Glover on the other hand takes a more ‘no turning back’ approach. For him, the Coalition strategy is absolutely right- share the pain as pain there must be. And he warns the left against knee-jerk oppositionalism:

“The left is beginning to smell like sour yoghurt, a long moan against the world as it is and how the last government left it. The problem is not that Labour is heading towards interesting ideological isolation. The varied shades from pale pink to light magenta in which its serious candidates are painting themselves are not socialism. The problem is that the party is being bundled up in all sorts of shallow resentments and is assuming that the public will share this negativity.”

He also makes the extremely astute observation:

“UK politics is often characterised as a contest for the centre ground, but that misdescribes the nature of the quest. Centrism implies banality, but I don’t think voters want their governments to be mundane. There is a willingness to endorse radical action if it is explained and if it looks practicable.”

Labour would do well to heed this insight in its forthcoming renewal.
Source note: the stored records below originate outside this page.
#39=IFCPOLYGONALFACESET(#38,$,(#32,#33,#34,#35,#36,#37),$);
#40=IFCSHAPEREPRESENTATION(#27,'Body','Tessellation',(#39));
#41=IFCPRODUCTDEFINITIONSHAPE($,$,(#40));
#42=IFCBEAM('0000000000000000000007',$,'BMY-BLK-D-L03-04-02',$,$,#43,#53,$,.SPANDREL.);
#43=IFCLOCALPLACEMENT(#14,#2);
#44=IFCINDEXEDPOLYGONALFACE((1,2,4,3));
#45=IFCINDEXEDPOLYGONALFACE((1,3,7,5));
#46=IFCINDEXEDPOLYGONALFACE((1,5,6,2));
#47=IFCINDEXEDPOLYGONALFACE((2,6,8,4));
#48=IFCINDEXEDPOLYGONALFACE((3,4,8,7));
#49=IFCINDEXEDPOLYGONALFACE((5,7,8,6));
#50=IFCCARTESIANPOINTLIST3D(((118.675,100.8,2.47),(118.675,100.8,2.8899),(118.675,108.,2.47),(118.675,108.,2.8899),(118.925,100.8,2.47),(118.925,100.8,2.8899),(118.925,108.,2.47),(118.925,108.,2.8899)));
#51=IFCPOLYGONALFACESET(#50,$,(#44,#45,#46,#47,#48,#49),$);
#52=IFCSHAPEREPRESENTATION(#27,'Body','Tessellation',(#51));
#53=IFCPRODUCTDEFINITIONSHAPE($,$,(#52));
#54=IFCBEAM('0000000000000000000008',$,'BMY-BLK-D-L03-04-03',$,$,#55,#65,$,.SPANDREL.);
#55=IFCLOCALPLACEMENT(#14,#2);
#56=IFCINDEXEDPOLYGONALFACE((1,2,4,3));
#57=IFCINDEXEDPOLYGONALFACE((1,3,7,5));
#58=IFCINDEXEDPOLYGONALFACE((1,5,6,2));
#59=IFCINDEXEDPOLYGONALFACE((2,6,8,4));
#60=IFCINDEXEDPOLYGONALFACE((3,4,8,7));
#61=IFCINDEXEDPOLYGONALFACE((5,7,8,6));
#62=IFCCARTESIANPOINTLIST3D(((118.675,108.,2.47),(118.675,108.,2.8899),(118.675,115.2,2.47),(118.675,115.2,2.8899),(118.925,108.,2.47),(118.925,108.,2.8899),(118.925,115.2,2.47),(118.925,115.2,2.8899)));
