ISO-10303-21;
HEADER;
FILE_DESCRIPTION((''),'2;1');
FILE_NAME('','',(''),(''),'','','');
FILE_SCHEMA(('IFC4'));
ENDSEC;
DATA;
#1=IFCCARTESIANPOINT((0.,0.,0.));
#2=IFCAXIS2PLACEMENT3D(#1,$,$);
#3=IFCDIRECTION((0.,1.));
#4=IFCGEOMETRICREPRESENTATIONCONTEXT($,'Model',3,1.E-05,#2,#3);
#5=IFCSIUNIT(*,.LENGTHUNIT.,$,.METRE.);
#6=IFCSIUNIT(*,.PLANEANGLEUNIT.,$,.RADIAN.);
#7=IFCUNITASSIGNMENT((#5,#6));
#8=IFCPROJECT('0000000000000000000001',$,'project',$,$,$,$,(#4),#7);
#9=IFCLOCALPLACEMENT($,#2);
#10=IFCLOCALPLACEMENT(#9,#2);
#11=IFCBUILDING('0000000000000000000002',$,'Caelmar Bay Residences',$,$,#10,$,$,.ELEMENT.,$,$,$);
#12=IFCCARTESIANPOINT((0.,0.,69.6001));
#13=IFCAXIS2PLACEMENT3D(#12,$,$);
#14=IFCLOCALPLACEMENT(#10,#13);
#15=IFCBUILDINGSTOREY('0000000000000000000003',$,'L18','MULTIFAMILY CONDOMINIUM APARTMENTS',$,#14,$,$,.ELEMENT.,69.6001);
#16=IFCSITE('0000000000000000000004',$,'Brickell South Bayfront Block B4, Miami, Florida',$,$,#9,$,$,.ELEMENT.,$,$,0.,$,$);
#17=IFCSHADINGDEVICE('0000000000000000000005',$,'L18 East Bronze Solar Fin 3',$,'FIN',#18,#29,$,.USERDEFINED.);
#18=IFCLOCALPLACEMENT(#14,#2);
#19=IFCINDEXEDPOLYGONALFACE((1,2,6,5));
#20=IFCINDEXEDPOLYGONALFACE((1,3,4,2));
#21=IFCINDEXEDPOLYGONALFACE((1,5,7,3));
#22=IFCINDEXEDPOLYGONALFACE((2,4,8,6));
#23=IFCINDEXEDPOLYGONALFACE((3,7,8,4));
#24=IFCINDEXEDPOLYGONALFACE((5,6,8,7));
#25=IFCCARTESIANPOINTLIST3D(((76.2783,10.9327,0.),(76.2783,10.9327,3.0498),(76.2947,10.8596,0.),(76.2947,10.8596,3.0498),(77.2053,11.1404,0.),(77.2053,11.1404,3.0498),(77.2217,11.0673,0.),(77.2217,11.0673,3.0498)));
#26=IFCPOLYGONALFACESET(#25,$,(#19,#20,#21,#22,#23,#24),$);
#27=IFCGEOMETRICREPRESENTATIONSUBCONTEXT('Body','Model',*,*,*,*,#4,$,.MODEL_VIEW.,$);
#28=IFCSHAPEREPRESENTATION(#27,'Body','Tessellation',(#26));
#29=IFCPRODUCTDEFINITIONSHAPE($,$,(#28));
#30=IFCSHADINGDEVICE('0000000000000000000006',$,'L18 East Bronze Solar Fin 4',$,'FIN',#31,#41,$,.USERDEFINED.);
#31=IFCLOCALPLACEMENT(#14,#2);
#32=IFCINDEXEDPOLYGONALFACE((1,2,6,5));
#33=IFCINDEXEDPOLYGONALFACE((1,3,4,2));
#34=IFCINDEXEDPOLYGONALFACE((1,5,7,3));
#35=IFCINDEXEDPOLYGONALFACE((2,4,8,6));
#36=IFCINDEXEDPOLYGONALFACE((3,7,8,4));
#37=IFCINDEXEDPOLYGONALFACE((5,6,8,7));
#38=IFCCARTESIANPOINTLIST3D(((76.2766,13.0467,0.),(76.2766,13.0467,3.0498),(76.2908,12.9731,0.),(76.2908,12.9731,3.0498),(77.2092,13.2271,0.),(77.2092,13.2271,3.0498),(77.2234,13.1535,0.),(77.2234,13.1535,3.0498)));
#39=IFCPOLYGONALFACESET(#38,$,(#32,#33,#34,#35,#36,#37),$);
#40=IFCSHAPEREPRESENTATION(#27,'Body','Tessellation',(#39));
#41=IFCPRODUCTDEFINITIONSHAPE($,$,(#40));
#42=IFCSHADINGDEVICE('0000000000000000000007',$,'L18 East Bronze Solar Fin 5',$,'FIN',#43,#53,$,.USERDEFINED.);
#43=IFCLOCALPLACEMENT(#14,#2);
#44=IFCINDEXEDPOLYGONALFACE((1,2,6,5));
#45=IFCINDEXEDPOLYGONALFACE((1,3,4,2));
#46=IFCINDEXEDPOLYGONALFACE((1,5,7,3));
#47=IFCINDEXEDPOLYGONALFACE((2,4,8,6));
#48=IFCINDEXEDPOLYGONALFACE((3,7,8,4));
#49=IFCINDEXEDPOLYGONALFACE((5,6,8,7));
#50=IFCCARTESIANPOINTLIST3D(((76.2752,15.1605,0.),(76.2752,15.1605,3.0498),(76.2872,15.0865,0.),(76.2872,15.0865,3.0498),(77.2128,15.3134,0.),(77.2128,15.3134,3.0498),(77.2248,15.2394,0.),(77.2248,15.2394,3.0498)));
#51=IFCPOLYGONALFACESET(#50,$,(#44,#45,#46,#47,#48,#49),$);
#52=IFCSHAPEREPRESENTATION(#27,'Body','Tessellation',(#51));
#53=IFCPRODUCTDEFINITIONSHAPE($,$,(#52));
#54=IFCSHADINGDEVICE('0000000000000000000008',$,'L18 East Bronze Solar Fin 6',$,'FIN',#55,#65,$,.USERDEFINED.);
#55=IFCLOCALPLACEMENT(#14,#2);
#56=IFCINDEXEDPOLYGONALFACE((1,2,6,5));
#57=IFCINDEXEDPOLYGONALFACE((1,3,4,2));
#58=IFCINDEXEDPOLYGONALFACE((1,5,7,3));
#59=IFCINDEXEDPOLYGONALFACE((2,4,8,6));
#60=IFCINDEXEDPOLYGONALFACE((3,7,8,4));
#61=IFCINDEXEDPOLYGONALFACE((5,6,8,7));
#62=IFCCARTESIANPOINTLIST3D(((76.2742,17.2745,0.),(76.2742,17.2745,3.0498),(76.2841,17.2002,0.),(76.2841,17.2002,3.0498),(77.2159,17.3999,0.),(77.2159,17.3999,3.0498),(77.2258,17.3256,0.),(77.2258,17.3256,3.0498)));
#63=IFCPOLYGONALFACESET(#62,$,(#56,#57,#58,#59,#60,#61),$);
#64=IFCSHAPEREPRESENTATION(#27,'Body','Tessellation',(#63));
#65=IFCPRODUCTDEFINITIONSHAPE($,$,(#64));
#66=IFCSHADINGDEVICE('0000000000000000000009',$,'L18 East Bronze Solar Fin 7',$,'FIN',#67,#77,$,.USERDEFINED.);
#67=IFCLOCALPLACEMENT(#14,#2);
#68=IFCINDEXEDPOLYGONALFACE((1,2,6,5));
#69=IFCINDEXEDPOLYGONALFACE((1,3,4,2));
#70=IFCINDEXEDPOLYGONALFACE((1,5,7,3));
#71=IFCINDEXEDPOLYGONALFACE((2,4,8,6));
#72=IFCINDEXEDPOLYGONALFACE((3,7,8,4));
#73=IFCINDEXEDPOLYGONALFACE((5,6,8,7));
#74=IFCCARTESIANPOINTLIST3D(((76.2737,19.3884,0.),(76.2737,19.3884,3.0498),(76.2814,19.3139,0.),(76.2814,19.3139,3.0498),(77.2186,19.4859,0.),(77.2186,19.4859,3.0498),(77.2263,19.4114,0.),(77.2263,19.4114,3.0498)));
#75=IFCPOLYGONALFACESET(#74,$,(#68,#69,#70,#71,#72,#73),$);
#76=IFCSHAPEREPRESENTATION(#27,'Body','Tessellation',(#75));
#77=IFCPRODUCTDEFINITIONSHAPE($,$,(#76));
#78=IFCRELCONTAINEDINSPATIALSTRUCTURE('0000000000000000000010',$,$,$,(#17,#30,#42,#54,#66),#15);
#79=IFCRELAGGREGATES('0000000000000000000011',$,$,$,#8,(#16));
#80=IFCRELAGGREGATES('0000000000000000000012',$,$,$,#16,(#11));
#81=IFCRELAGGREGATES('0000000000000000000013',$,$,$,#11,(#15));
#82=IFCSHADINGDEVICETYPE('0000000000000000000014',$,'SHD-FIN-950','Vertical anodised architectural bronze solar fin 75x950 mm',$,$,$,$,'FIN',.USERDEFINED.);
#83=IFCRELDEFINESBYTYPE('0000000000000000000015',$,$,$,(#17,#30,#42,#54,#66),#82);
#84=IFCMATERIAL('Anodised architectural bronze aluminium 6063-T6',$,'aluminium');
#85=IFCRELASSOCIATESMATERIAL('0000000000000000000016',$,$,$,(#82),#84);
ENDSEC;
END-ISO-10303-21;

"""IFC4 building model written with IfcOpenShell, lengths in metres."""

from ifc_helpers import new_model, si_unit, direction, frame, origin, origin_2d, place, context, subcontext, project, spatial, rectangle, extrude, material, material_profile, profile_set, type_object, element, save


model = new_model("IFC4")

# Units and contexts
model_context = context("Model", 3, precision=1e-05, world=origin(), true_north=direction((0.0, 1.0)))
body_context = subcontext(model_context, "Body", "Model", "MODEL_VIEW")
ifc_project = project(units=[si_unit("LENGTHUNIT", "METRE"), si_unit("PLANEANGLEUNIT", "RADIAN")], contexts=[model_context])

# Site, building, storey
site_placement = place(None, origin())
site = spatial("IfcSite", under=ifc_project, at=site_placement, Name="Brickell South Bayfront Block B4, Miami, Florida", CompositionType="ELEMENT", RefElevation=0.0)
building_placement = place(site_placement, origin())
building = spatial("IfcBuilding", under=site, at=building_placement, Name="Caelmar Bay Residences", CompositionType="ELEMENT")
storey_placement = place(building_placement, frame((0.0, 0.0, 69.6001)))
storey = spatial("IfcBuildingStorey", under=building, at=storey_placement, Name="L18", Description="MULTIFAMILY CONDOMINIUM APARTMENTS", CompositionType="ELEMENT", Elevation=69.6001)

# Shading devices
ifc_material_1 = material(Name="Anodised architectural bronze aluminium 6063-T6", Category="aluminium")
ifc_material_profile_1 = material_profile(ifc_material_1, rectangle(XDim=0.075, YDim=0.95, at=origin_2d()), Name="BRONZE-FIN-75X950")
ifc_profile_set_1 = profile_set([ifc_material_profile_1], Name="Anodised architectural bronze aluminium 6063-T6")
shading_device_type = type_object("IfcShadingDeviceType", Name="SHD-FIN-950", Description="Vertical anodised architectural bronze solar fin 75x950 mm", ElementType="FIN", PredefinedType="USERDEFINED", material=ifc_profile_set_1)
for number, where, z_axis, x_axis, name in (
    (1, (76.75, 11.0, 0.0), (0.0, 0.0, 1.0), (-0.218654, 0.975802, 0.0), "L18 East Bronze Solar Fin 3"),
    (2, (76.75, 13.1001, 0.0), (0.0, 0.0, 1.0), (-0.189952, 0.981793, 0.0), "L18 East Bronze Solar Fin 4"),
    (3, (76.75, 15.2, 0.0), (0.0, 0.0, 1.0), (-0.160915, 0.986968, 0.0), "L18 East Bronze Solar Fin 5"),
    (4, (76.75, 17.3, 0.0), (0.0, 0.0, 1.0), (-0.13191, 0.991262, 0.0), "L18 East Bronze Solar Fin 6"),
    (5, (76.75, 19.3999, 0.0), (0.0, 0.0, 1.0), (-0.102619, 0.994721, 0.0), "L18 East Bronze Solar Fin 7"),
):
    element("IfcShadingDevice", number, at=place(storey_placement, frame(where, z_axis=z_axis, x_axis=x_axis)), inside=storey, type_object=shading_device_type, Name=name, ObjectType="FIN", PredefinedType="USERDEFINED", context=body_context, shape_type="SweptSolid", body=[
        extrude(rectangle(XDim=0.075, YDim=0.95, at=origin_2d()), origin(), (0.0, 0.0, 1.0), 3.0498),
    ])

save(model, "model.ifc")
So who is right: Jackie Ashley or Julian Glover? In a sense they both are. Ashley is right that Labour must provide sound, grounded opposition to the Coalition and its economic and fiscal approach. Simply saying that it will go as far as the last Government just sounds irrelevant- no matter how loudly it is shouted. There is a left alternative if, in the words of Glover, it is explained and practicable. But simply sticking to its guns on the deficit means that Labour will not be listened to when it’s doing the explaining! This is not the same thing as Labour not opposing what is wrong, damaging and avoidable. It it does not then who will?

Glover’s analysis ultimately provides Labour with the stronger strategic insights. While the temptation is to simply pour scorn and hot oil on the Coalition and all its works, it will keep Labour locked in the past in the minds of voters. There are some tactical attractions to this. But it is ultimately a strategic dead end. There is a simply truism of British politics: parties win elections when they are seen as the future rather than the past. And Labour currently sounds very much like the past.

Labour, therefore, needs to follow Jackie Ashley on the need for constructive and well thought out opposition yet realise that the Glover strategy is the one that is of the most long-term use. When Labour is once again seen as the future, then it will be a viable alternative for Government once again. It has not even begun that journey as yet.